The provision of dormitories has also reduced absenteeism and school absenteeism, in addition to allowing many more students to stay and saving them from traveling long distances between houses in neighboring villages and the school.
Completion of phase two covers additional blocks at Kikam Technical Institute (KIM-TECH), Bonzo-Kaku SHS in Ellembelle and Anor-Adjaye SHS in Jomoro Municipality. These should add around 1,000 boarding beds and more than 600 classrooms for the beneficiary schools.
The third phase, which is currently underway, will provide dormitory blocks for girls in Axim in Nzema East Municipality and Bompeh High School in Sekondi-Takoradi Metropolis, and a much-needed 10-unit classroom block for Shama SHS in Shama district.
Members of the Tullow Ghana Social Performance Team, Mr. Edmund Fiifi Enchill and Elijah Boye-Ampah assured that all phases of the projects will be completed on time. The team assured that they are ready to commission three dormitories in Jomoro and Ellembelle soon.
The Ghana Education Service’s Western Region Public Relations Officer, Mrs. Betty Elizabeth Etroo, said the project was a great relief to the selected schools, explaining “one important thing about the project is that the selected schools are facilities that really needed it”.

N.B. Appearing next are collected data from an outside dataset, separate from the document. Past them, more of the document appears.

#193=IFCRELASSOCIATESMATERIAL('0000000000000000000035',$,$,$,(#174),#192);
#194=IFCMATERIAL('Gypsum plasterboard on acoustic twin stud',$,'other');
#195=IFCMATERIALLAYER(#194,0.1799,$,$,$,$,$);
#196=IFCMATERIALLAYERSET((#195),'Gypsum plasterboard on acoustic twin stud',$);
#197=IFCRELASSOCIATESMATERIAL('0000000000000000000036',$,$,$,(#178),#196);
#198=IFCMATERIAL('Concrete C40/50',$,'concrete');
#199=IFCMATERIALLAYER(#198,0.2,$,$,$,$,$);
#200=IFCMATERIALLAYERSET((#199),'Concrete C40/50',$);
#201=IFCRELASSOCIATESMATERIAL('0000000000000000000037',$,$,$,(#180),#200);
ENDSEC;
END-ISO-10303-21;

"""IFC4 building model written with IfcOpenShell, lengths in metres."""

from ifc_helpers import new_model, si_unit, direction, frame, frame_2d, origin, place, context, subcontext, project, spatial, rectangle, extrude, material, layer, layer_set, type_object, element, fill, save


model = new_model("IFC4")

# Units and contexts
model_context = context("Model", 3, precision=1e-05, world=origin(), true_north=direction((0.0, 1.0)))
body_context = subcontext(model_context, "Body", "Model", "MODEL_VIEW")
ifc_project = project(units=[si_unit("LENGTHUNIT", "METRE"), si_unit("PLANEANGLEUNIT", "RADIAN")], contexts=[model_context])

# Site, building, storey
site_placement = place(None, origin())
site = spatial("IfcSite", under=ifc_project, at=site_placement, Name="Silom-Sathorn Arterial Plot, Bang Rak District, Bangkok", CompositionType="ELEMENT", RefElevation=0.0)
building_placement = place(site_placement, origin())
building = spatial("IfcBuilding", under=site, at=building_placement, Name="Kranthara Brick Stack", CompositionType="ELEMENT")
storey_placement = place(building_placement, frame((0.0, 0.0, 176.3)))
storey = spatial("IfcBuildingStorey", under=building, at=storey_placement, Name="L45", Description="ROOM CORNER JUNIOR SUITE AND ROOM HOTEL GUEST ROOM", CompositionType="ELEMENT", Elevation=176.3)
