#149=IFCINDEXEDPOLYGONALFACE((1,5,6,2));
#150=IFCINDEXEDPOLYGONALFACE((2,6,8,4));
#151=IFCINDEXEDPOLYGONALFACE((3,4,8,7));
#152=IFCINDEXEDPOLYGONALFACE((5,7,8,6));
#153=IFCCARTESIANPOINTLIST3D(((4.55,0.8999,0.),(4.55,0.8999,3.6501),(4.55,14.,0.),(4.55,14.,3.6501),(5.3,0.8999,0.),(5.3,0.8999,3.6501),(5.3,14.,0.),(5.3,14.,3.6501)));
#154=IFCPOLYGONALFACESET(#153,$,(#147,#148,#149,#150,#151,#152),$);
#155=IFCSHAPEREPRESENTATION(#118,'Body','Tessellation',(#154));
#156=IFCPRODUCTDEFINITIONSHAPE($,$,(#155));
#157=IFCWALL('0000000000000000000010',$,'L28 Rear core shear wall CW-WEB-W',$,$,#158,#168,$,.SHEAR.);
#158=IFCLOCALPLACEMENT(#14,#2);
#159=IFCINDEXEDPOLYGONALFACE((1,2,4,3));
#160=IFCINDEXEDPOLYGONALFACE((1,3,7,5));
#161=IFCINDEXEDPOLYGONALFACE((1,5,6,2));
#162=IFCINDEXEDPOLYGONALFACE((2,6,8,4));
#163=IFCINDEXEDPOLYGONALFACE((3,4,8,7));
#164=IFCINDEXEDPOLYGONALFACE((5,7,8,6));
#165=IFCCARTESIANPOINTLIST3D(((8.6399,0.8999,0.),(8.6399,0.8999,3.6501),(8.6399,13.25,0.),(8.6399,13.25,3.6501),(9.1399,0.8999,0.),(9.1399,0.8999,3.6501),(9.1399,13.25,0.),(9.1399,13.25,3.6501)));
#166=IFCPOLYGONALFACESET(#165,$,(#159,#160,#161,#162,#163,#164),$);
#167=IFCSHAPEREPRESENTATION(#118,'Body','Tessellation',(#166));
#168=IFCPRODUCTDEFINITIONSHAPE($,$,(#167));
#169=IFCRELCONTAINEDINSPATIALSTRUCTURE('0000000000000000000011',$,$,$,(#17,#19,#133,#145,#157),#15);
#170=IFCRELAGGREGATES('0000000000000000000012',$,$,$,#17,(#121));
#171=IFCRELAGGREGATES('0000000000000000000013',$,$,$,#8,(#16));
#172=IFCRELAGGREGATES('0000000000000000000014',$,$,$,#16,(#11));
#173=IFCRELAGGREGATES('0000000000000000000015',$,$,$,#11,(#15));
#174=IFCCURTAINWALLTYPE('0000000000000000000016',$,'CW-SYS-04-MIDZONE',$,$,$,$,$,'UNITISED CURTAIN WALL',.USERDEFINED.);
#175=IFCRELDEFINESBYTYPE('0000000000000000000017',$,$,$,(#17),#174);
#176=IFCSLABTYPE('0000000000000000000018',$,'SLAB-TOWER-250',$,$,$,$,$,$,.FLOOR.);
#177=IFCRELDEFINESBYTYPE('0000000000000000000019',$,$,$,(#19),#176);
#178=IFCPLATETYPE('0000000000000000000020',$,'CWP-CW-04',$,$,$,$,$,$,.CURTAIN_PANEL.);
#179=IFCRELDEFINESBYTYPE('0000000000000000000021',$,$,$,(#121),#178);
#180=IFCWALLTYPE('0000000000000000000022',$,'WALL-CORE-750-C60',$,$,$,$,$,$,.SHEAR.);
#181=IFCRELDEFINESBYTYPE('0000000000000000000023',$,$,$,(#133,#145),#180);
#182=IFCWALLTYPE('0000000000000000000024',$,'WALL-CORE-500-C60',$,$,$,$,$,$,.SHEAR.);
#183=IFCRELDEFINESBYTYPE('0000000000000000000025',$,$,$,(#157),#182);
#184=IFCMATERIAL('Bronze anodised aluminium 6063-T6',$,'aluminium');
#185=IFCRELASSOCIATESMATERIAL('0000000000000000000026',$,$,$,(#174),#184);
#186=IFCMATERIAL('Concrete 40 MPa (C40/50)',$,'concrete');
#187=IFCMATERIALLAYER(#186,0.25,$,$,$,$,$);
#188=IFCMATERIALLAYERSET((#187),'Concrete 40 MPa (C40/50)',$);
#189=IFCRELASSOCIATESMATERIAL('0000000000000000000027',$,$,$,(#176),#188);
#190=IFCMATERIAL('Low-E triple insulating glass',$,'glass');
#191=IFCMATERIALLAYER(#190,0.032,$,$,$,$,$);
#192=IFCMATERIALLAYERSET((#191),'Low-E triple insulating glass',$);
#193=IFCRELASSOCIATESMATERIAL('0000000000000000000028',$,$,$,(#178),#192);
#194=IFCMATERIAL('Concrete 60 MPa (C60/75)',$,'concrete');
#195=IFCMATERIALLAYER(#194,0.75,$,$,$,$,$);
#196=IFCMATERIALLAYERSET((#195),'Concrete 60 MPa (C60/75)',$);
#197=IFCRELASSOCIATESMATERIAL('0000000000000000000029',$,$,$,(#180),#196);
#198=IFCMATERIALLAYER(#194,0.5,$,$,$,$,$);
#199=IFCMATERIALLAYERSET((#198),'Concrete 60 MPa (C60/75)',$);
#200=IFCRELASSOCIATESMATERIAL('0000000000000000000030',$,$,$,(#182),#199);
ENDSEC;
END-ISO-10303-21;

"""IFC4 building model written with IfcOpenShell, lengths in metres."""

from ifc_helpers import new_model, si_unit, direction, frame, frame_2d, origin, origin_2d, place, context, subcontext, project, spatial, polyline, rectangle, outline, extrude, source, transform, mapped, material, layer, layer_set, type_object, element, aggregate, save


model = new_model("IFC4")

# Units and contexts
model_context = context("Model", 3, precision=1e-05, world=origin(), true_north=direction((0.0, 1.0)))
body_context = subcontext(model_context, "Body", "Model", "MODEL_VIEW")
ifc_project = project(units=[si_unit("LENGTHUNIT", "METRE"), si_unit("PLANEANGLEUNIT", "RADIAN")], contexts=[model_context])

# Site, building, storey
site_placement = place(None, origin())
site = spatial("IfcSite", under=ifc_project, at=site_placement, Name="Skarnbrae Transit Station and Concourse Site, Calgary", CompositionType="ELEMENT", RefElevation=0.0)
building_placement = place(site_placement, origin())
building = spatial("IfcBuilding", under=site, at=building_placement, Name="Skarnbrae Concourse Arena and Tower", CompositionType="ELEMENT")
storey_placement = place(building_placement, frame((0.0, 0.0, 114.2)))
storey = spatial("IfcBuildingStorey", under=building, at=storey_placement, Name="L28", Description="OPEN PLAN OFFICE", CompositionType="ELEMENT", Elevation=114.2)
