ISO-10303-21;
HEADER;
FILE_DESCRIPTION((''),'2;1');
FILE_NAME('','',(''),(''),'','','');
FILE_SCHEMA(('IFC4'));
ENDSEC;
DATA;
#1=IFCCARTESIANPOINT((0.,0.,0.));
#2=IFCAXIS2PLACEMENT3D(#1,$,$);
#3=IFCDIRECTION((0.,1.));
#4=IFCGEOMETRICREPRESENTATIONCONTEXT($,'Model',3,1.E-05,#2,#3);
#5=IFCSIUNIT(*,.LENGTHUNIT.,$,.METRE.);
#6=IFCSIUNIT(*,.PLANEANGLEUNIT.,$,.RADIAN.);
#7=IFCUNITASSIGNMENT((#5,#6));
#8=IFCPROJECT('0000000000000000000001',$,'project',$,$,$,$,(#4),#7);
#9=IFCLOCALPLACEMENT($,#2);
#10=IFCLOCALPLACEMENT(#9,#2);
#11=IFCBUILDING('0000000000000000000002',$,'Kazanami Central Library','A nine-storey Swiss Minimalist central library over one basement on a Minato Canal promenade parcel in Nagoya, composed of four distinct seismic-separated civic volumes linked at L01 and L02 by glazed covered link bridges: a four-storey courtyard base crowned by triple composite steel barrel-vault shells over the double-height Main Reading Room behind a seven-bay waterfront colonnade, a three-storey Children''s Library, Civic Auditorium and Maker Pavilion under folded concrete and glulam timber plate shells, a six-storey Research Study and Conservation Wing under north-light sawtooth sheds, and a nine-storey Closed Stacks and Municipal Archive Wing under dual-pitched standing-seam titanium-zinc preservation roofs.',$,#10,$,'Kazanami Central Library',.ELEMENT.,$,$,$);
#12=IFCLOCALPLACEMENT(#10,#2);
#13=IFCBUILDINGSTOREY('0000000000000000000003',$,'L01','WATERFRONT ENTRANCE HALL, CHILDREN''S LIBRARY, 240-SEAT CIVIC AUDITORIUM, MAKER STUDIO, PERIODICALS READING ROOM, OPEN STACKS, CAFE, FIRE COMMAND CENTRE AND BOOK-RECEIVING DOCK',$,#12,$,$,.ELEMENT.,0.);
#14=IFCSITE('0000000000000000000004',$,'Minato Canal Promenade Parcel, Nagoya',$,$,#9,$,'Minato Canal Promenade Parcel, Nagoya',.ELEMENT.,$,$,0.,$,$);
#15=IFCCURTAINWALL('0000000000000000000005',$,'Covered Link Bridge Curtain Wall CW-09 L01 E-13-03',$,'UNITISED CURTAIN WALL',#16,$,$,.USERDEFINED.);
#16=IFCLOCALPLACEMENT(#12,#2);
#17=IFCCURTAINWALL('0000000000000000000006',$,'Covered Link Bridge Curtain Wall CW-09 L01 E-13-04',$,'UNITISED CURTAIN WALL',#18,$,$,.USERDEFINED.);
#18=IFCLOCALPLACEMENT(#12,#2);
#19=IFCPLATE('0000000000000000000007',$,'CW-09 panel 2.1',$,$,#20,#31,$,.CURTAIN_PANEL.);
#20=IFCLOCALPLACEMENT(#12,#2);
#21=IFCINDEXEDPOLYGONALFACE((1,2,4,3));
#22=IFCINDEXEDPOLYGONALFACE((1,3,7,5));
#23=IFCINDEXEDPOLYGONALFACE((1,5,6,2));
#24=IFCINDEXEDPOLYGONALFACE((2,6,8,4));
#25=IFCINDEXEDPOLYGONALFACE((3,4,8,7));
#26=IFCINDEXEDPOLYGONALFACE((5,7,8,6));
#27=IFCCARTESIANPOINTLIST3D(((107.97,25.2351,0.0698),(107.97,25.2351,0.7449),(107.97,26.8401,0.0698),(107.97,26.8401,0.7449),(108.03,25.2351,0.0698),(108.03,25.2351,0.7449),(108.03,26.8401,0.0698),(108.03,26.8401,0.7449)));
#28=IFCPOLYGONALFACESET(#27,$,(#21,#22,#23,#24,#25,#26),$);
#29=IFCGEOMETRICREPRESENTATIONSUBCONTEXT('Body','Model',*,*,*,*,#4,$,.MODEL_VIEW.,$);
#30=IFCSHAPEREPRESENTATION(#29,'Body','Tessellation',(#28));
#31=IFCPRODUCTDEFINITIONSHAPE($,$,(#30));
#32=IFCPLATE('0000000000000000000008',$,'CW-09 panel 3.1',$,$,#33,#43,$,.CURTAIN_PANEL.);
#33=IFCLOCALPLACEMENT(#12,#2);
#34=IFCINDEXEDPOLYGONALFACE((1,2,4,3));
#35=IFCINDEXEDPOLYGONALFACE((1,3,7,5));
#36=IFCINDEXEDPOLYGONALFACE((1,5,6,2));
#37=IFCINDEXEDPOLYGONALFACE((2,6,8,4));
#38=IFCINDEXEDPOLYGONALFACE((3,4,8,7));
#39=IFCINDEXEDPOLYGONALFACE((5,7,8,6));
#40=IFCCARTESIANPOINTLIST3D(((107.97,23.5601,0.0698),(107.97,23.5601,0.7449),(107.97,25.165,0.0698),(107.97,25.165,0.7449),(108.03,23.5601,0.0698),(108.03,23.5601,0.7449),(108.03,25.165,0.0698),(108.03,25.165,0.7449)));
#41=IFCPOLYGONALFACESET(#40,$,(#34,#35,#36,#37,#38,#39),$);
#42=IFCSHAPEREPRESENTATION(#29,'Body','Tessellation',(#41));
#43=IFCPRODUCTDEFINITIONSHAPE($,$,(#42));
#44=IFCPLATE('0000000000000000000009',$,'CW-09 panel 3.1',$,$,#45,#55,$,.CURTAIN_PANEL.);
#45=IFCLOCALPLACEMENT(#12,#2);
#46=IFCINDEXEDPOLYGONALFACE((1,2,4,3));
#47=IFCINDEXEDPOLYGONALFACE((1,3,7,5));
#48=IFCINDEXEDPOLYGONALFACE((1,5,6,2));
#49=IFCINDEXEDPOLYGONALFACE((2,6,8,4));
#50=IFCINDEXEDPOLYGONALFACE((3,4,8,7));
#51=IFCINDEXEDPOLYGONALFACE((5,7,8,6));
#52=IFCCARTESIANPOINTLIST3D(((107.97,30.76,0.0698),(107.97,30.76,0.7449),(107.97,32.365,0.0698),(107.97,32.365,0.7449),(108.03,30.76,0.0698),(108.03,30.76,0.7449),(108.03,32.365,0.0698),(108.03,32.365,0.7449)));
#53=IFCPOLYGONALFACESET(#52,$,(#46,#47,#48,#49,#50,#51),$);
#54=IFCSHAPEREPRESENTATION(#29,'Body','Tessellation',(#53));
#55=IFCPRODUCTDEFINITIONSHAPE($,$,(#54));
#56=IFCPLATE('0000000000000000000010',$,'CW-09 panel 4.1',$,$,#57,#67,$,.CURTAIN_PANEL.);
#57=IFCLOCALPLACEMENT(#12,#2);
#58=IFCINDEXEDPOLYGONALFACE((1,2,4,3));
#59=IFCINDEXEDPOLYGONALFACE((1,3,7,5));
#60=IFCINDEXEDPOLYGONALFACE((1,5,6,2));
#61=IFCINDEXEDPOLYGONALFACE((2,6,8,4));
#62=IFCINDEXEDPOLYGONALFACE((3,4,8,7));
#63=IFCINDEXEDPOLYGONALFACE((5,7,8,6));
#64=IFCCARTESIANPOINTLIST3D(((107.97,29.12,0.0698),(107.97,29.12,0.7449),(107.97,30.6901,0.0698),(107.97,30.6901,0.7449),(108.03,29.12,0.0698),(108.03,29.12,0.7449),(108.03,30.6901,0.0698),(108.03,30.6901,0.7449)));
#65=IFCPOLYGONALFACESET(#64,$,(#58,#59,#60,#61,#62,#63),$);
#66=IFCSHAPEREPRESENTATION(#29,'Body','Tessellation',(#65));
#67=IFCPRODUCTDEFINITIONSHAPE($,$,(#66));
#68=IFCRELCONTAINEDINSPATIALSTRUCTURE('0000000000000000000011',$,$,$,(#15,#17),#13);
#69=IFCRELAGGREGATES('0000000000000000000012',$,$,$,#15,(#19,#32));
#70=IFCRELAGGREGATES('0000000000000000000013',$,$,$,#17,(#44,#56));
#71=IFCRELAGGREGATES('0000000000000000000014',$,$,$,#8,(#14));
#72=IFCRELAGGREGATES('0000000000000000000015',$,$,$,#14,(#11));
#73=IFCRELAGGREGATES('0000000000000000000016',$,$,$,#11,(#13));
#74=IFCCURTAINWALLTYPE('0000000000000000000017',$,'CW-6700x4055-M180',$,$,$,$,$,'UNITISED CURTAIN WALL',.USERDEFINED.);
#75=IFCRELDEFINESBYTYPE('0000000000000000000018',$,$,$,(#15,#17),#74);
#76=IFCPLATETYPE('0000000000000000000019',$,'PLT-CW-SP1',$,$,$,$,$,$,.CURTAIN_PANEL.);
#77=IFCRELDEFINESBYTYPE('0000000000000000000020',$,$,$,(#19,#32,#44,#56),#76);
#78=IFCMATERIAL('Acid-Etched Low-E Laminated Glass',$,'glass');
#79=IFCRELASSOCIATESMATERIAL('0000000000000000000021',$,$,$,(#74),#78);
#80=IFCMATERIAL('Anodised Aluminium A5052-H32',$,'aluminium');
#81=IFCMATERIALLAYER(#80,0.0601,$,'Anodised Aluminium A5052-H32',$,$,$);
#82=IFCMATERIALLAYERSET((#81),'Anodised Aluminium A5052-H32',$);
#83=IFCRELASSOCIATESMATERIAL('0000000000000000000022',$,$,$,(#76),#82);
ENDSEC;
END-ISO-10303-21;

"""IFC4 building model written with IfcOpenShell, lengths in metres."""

from ifc_helpers import new_model, si_unit, direction, frame, origin, origin_2d, place, context, subcontext, project, spatial, rectangle, extrude, material, layer, layer_set, type_object, element, aggregate, save


model = new_model("IFC4")

# Units and contexts
model_context = context("Model", 3, precision=1e-05, world=origin(), true_north=direction((0.0, 1.0)))
body_context = subcontext(model_context, "Body", "Model", "MODEL_VIEW")
ifc_project = project(units=[si_unit("LENGTHUNIT", "METRE"), si_unit("PLANEANGLEUNIT", "RADIAN")], contexts=[model_context])

# Site, building, storey
site_placement = place(None, origin())
site = spatial("IfcSite", under=ifc_project, at=site_placement, Name="Minato Canal Promenade Parcel, Nagoya", LongName="Minato Canal Promenade Parcel, Nagoya", CompositionType="ELEMENT", RefElevation=0.0)
building_placement = place(site_placement, origin())
building = spatial("IfcBuilding", under=site, at=building_placement, Name="Kazanami Central Library", Description="A nine-storey Swiss Minimalist central library over one basement on a Minato Canal promenade parcel in Nagoya, composed of four distinct seismic-separated civic volumes linked at L01 and L02 by glazed covered link bridges: a four-storey courtyard base crowned by triple composite steel barrel-vault shells over the double-height Main Reading Room behind a seven-bay waterfront colonnade, a three-storey Children's Library, Civic Auditorium and Maker Pavilion under folded concrete and glulam timber plate shells, a six-storey Research Study and Conservation Wing under north-light sawtooth sheds, and a nine-storey Closed Stacks and Municipal Archive Wing under dual-pitched standing-seam titanium-zinc preservation roofs.", LongName="Kazanami Central Library", CompositionType="ELEMENT")
storey_placement = place(building_placement, origin())
storey = spatial("IfcBuildingStorey", under=building, at=storey_placement, Name="L01", Description="WATERFRONT ENTRANCE HALL, CHILDREN'S LIBRARY, 240-SEAT CIVIC AUDITORIUM, MAKER STUDIO, PERIODICALS READING ROOM, OPEN STACKS, CAFE, FIRE COMMAND CENTRE AND BOOK-RECEIVING DOCK", CompositionType="ELEMENT", Elevation=0.0)

# Curtain walls
ifc_material_1 = material(Name="Acid-Etched Low-E Laminated Glass", Category="glass")
curtain_wall_type = type_object("IfcCurtainWallType", Name="CW-6700x4055-M180", ElementType="UNITISED CURTAIN WALL", PredefinedType="USERDEFINED", material=ifc_material_1)
curtain_wall_1_placement = place(storey_placement, origin())
curtain_wall_1 = element("IfcCurtainWall", 1, at=curtain_wall_1_placement, inside=storey, type_object=curtain_wall_type, Name="Covered Link Bridge Curtain Wall CW-09 L01 E-13-03", ObjectType="UNITISED CURTAIN WALL", PredefinedType="USERDEFINED")
curtain_wall_2_placement = place(storey_placement, origin())
curtain_wall_2 = element("IfcCurtainWall", 2, at=curtain_wall_2_placement, inside=storey, type_object=curtain_wall_type, Name="Covered Link Bridge Curtain Wall CW-09 L01 E-13-04", ObjectType="UNITISED CURTAIN WALL", PredefinedType="USERDEFINED")

# Plates
ifc_material_2 = material(Name="Anodised Aluminium A5052-H32", Category="aluminium")
ifc_layer_1 = layer(ifc_material_2, 0.0601, Name="Anodised Aluminium A5052-H32")
ifc_layer_set_1 = layer_set([ifc_layer_1], Name="Anodised Aluminium A5052-H32")
plate_type_1 = type_object("IfcPlateType", Name="PLT-CW-SP1", PredefinedType="CURTAIN_PANEL", material=ifc_layer_set_1)
plate_1_placement = place(storey_placement, frame((108.0, 26.0376, 0.0698), z_axis=(0.0, 0.0, 1.0), x_axis=(0.0, -1.0, 0.0)))
plate_1 = element("IfcPlate", 3, at=plate_1_placement, type_object=plate_type_1, Name="CW-09 panel 2.1", PredefinedType="CURTAIN_PANEL", context=body_context, shape_type="SweptSolid", body=[
    extrude(rectangle(XDim=1.605, YDim=0.0601, at=origin_2d()), origin(), (0.0, 0.0, 1.0), 0.675),
])
plate_2_placement = place(storey_placement, frame((108.0, 24.3625, 0.0698), z_axis=(0.0, 0.0, 1.0), x_axis=(0.0, -1.0, 0.0)))
plate_2 = element("IfcPlate", 4, at=plate_2_placement, type_object=plate_type_1, Name="CW-09 panel 3.1", PredefinedType="CURTAIN_PANEL", context=body_context, shape_type="SweptSolid", body=[
    extrude(rectangle(XDim=1.605, YDim=0.0601, at=origin_2d()), origin(), (0.0, 0.0, 1.0), 0.675),
])
aggregate(curtain_wall_1, [plate_1, plate_2])
plate_3_placement = place(storey_placement, frame((108.0, 31.5625, 0.0698), z_axis=(0.0, 0.0, 1.0), x_axis=(0.0, -1.0, 0.0)))
plate_3 = element("IfcPlate", 5, at=plate_3_placement, type_object=plate_type_1, Name="CW-09 panel 3.1", PredefinedType="CURTAIN_PANEL", context=body_context, shape_type="SweptSolid", body=[
    extrude(rectangle(XDim=1.605, YDim=0.0601, at=origin_2d()), origin(), (0.0, 0.0, 1.0), 0.675),
])
plate_4_placement = place(storey_placement, frame((108.0, 29.905, 0.0698), z_axis=(0.0, 0.0, 1.0), x_axis=(0.0, -1.0, 0.0)))
plate_4 = element("IfcPlate", 6, at=plate_4_placement, type_object=plate_type_1, Name="CW-09 panel 4.1", PredefinedType="CURTAIN_PANEL", context=body_context, shape_type="SweptSolid", body=[
    extrude(rectangle(XDim=1.5701, YDim=0.0601, at=origin_2d()), origin(), (0.0, 0.0, 1.0), 0.675),
])
aggregate(curtain_wall_2, [plate_3, plate_4])

save(model, "model.ifc")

The region, she said, has 36 high schools and two technical schools with significant improvements in enrollment.
“I have to say that improving enrollment will naturally create the need for the perfect, spacious ambience for academic work – blocks of dorms and classrooms.”
“We needed enough dormitories to accommodate more students as well as classroom blocks to improve admission. For us, the Tullow Free SHS infrastructure project is an appropriate intervention because government cannot do it alone,” Ms Etroo said.
The government receiving support from the private sector in the field of educational infrastructure projects, especially the ongoing projects of Tullow, would motivate teachers and students for the improvement of teaching and learning.
At the facilities, some officials from the beneficiary schools described Tullow’s support as unprecedented as the company provides the blocks and equips them with all necessary utilities.
The Western Regional Minister, Mr. Kwabena Okyere Darko-Mensah, said in his comments that the construction of the dormitory blocks by Tullow means a lot for the development of education in the Western Region.
Since its inception, he said Tullow Ghana’s invaluable support and commitment to assisting the government to fully realize the vision it has for the Free SHS policy is highly commendable.
The benefits that these dormitories and classroom blocks bring to beneficiary schools and wider communities are enormous. “I know of other interventions such as the Tullow Tertiary STEM scholarship program, Scholars Aid where stipends are given to hundreds of SHS students, a radio school program and a sustainable kindergarten, among others.
“As we strive to encourage enrollment of girls, improve science, technology, engineering and mathematics (STEM) in our pursuit of national development, the facilities will provide a decent place for students to lay head and go out more refreshed daily for university studies and extra-curricular activities.” He also added that the intervention will build a better future for young people and therefore a more resilient community.
The oil and gas industry, to this end, not only contributes to revenue, but through its social performance activities, it is supported in the areas of education, health, roads, water and sanitation, fisher loans program and regular engagement with stakeholders.
The commitment of funds for the project and its actualization should be a source of encouragement for the rest of the other corporate institutions in the country to emulate and join the clarion call for national development.